September 30, 2012; Source: Crain’s Detroit Business
The son of the late Max Fisher, Philip Fisher is the vice chairman of the Max M. & Marjorie S. Fisher Family Foundation. A successful investor in his own right, Fisher has played an active role in the Fisher Foundation, an increasingly important philanthropic actor trying to deal with Detroit’s economic crisis—and he has his own low-profit limited liability corporation (L3C). Michigan is one of the first of a quickly growing number of states to authorize L3Cs. Given Michigan’s economic freefall, the state was clearly interested in any innovative approach that might help lift it out of its economic doldrums. It figured the so-called hybrid entity of an L3C, a for-profit company with a social mission, might work.

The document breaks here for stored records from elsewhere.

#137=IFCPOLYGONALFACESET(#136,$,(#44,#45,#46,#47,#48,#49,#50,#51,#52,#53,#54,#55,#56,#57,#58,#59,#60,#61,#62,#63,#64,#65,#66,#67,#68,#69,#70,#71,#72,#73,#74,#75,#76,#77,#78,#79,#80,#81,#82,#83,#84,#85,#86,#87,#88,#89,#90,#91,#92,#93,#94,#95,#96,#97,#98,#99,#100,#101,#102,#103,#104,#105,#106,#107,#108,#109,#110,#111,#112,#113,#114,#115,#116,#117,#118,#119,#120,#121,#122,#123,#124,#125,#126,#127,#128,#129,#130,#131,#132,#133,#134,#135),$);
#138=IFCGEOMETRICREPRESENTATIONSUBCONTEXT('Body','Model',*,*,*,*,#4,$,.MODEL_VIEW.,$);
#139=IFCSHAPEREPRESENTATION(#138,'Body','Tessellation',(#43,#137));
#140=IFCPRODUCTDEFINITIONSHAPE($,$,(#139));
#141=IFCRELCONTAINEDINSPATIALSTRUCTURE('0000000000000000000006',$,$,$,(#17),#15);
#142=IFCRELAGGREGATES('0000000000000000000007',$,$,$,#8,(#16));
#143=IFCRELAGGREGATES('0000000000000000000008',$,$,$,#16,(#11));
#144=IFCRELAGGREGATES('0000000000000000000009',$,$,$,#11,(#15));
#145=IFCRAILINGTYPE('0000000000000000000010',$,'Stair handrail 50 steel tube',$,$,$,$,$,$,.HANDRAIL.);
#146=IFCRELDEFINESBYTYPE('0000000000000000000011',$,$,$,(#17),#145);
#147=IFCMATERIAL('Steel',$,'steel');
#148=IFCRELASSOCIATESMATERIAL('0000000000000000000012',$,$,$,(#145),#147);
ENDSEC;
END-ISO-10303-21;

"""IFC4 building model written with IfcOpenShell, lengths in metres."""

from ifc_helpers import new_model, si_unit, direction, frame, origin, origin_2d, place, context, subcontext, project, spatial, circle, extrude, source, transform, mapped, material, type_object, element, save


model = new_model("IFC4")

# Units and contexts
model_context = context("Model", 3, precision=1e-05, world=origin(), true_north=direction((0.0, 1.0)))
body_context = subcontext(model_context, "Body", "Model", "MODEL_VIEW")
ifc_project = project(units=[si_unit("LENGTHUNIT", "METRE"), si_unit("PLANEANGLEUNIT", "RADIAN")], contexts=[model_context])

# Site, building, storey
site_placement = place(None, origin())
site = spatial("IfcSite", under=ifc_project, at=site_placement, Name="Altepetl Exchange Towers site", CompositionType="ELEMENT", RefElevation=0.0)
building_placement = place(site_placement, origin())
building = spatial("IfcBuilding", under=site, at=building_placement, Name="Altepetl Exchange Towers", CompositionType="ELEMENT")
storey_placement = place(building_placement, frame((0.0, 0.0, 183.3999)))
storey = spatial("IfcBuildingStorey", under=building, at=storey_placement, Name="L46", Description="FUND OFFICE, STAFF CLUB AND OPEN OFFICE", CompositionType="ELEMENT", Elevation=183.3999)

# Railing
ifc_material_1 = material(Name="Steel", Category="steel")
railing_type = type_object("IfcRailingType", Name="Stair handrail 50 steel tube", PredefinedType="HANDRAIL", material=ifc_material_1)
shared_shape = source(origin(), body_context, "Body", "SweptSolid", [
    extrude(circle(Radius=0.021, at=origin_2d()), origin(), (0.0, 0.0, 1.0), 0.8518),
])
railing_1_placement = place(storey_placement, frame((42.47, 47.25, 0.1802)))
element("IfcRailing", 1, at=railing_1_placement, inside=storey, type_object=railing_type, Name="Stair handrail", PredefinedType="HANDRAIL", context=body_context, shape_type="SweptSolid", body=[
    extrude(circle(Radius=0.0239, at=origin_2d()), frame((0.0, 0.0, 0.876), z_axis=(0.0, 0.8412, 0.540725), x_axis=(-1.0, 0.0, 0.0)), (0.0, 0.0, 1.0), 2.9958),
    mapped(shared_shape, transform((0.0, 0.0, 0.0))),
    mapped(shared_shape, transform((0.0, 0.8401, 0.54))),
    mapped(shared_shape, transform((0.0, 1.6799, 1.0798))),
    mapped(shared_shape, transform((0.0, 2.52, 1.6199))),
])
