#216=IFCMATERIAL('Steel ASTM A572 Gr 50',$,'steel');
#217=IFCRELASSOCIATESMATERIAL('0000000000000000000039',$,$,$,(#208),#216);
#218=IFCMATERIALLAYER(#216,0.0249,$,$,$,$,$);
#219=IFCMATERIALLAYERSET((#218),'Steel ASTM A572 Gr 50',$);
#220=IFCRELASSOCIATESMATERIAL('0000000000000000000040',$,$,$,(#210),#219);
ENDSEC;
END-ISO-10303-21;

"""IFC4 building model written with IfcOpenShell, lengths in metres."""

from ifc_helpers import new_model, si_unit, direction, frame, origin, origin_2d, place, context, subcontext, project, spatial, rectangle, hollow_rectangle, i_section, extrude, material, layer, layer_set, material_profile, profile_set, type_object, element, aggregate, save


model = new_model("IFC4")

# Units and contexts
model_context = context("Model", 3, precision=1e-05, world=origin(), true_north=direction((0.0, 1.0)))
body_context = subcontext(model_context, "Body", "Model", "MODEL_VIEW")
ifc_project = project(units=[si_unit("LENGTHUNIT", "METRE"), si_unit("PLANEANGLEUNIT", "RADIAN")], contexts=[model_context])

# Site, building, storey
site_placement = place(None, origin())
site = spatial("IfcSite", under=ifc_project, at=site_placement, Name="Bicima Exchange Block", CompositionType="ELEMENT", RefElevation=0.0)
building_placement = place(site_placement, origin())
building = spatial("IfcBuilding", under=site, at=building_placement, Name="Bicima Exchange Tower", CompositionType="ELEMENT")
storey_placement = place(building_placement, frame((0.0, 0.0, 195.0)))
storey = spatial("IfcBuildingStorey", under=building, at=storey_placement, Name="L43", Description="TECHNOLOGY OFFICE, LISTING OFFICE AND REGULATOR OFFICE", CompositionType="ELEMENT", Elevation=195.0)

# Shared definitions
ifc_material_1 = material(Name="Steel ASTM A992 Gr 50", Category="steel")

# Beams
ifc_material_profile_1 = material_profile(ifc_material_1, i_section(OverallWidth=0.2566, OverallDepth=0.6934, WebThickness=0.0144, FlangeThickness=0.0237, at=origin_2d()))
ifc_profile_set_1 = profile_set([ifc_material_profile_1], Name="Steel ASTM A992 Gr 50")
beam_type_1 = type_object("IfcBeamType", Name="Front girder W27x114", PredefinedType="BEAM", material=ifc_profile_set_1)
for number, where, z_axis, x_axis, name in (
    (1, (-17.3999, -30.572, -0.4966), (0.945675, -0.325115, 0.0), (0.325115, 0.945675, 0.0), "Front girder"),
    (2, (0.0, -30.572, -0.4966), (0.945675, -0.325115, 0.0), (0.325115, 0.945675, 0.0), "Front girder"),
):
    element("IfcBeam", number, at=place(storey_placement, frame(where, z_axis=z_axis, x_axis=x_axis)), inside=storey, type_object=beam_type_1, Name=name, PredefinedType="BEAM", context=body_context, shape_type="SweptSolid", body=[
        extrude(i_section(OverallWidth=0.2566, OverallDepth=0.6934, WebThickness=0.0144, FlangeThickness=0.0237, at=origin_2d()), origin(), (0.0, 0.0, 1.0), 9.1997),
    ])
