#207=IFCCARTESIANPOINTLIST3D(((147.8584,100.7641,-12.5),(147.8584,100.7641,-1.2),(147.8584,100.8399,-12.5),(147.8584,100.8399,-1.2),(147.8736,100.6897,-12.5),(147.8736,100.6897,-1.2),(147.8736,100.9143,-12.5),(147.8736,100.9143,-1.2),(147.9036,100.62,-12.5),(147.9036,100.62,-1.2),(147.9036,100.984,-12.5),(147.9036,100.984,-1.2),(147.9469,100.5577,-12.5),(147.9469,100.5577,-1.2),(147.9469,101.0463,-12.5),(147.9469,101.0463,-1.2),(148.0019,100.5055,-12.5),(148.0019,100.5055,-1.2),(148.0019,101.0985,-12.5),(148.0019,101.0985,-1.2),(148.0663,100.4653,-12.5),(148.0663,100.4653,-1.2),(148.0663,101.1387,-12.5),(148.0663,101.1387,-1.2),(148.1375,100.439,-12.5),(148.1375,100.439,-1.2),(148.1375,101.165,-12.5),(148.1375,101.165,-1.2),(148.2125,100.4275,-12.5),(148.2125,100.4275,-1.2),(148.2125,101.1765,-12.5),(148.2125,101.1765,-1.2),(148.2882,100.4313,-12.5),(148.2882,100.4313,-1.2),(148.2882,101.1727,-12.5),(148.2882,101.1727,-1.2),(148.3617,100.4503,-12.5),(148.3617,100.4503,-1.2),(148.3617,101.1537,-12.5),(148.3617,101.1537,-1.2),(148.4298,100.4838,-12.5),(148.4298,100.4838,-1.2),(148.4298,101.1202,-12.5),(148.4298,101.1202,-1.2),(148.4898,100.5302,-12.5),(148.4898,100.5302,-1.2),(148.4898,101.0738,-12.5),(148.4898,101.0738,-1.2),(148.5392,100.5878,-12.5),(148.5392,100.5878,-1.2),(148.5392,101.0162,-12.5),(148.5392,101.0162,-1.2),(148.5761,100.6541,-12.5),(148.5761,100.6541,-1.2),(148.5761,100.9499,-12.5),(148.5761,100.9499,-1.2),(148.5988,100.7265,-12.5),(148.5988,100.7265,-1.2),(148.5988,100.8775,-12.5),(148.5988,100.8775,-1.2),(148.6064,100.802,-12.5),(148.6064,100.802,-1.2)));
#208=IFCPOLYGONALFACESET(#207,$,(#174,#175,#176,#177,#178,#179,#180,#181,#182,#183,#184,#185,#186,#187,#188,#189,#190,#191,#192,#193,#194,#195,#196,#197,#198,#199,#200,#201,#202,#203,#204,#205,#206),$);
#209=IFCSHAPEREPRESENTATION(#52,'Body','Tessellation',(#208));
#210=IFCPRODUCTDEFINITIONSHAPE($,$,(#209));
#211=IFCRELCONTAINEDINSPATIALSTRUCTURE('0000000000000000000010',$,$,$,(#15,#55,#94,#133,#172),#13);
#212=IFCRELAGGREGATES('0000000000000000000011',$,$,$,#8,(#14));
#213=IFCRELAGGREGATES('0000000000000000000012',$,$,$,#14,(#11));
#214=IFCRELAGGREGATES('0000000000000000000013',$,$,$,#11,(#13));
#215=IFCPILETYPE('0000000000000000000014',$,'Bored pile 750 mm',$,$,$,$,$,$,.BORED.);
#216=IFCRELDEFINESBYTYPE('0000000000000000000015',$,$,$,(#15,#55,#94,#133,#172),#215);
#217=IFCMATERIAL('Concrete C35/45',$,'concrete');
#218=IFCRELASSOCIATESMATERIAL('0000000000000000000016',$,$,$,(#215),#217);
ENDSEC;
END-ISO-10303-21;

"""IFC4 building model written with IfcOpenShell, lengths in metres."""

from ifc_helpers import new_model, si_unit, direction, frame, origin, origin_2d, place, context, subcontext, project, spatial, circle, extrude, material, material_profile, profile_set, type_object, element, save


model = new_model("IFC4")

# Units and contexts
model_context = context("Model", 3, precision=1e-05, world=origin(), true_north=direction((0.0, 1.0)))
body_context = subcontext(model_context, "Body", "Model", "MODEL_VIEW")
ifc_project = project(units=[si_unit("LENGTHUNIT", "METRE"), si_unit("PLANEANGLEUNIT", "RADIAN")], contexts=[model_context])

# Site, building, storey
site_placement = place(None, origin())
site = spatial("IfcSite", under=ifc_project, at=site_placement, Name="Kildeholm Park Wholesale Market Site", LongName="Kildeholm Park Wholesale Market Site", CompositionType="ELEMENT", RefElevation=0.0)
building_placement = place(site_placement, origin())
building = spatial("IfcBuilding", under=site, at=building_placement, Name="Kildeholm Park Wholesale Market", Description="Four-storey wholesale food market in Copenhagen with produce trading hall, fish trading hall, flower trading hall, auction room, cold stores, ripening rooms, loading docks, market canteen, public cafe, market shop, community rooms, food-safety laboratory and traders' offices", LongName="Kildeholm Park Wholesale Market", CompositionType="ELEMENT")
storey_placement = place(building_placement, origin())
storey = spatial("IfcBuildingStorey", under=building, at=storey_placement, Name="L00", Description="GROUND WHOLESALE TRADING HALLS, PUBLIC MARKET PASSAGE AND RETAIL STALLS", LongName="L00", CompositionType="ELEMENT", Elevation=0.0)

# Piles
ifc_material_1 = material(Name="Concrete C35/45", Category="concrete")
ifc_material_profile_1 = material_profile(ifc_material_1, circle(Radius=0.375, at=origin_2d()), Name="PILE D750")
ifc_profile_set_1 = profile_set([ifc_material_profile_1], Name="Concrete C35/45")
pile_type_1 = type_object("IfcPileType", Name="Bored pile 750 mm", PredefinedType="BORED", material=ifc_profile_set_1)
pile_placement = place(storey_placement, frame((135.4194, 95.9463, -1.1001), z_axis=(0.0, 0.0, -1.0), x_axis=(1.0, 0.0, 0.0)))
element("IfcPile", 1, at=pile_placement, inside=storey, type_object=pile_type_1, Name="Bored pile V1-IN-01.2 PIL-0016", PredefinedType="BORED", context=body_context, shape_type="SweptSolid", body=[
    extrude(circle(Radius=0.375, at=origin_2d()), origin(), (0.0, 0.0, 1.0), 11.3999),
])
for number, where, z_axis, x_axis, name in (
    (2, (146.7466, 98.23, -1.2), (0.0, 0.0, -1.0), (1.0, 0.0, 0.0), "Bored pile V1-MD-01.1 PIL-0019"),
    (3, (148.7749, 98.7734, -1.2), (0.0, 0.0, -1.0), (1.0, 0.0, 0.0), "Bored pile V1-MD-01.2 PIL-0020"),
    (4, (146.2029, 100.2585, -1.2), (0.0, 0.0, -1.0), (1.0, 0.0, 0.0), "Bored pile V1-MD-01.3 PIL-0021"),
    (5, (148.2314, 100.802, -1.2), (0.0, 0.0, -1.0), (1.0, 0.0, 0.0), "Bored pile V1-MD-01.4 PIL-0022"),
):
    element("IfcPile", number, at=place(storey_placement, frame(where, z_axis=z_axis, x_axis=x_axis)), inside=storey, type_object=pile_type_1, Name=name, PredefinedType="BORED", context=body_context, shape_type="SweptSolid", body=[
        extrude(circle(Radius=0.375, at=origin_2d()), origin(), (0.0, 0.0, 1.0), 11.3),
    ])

When the L3C statute was enacted in 2009, the purpose was pretty clear: “L3Cs are designed to qualify as a recipient of [foundation] Program Related Investments or PRIs.” The idea of the L3C is that these for-profit companies would be able to attract PRIs (which count toward foundations’ mandatory payout requirements) because of their social mission in which profit is not a significant goal. It’s not clear, however, how many (or whether any) PRIs with L3Cs have actually been completed (at a recent NASCO conference described here in today’s Cohen Report, one speaker suggested that the L3C experience with PRIs was almost none). Critics have been pretty tough on the claims of L3C proponents about PRIs (see this piece from Taxation of Exempts).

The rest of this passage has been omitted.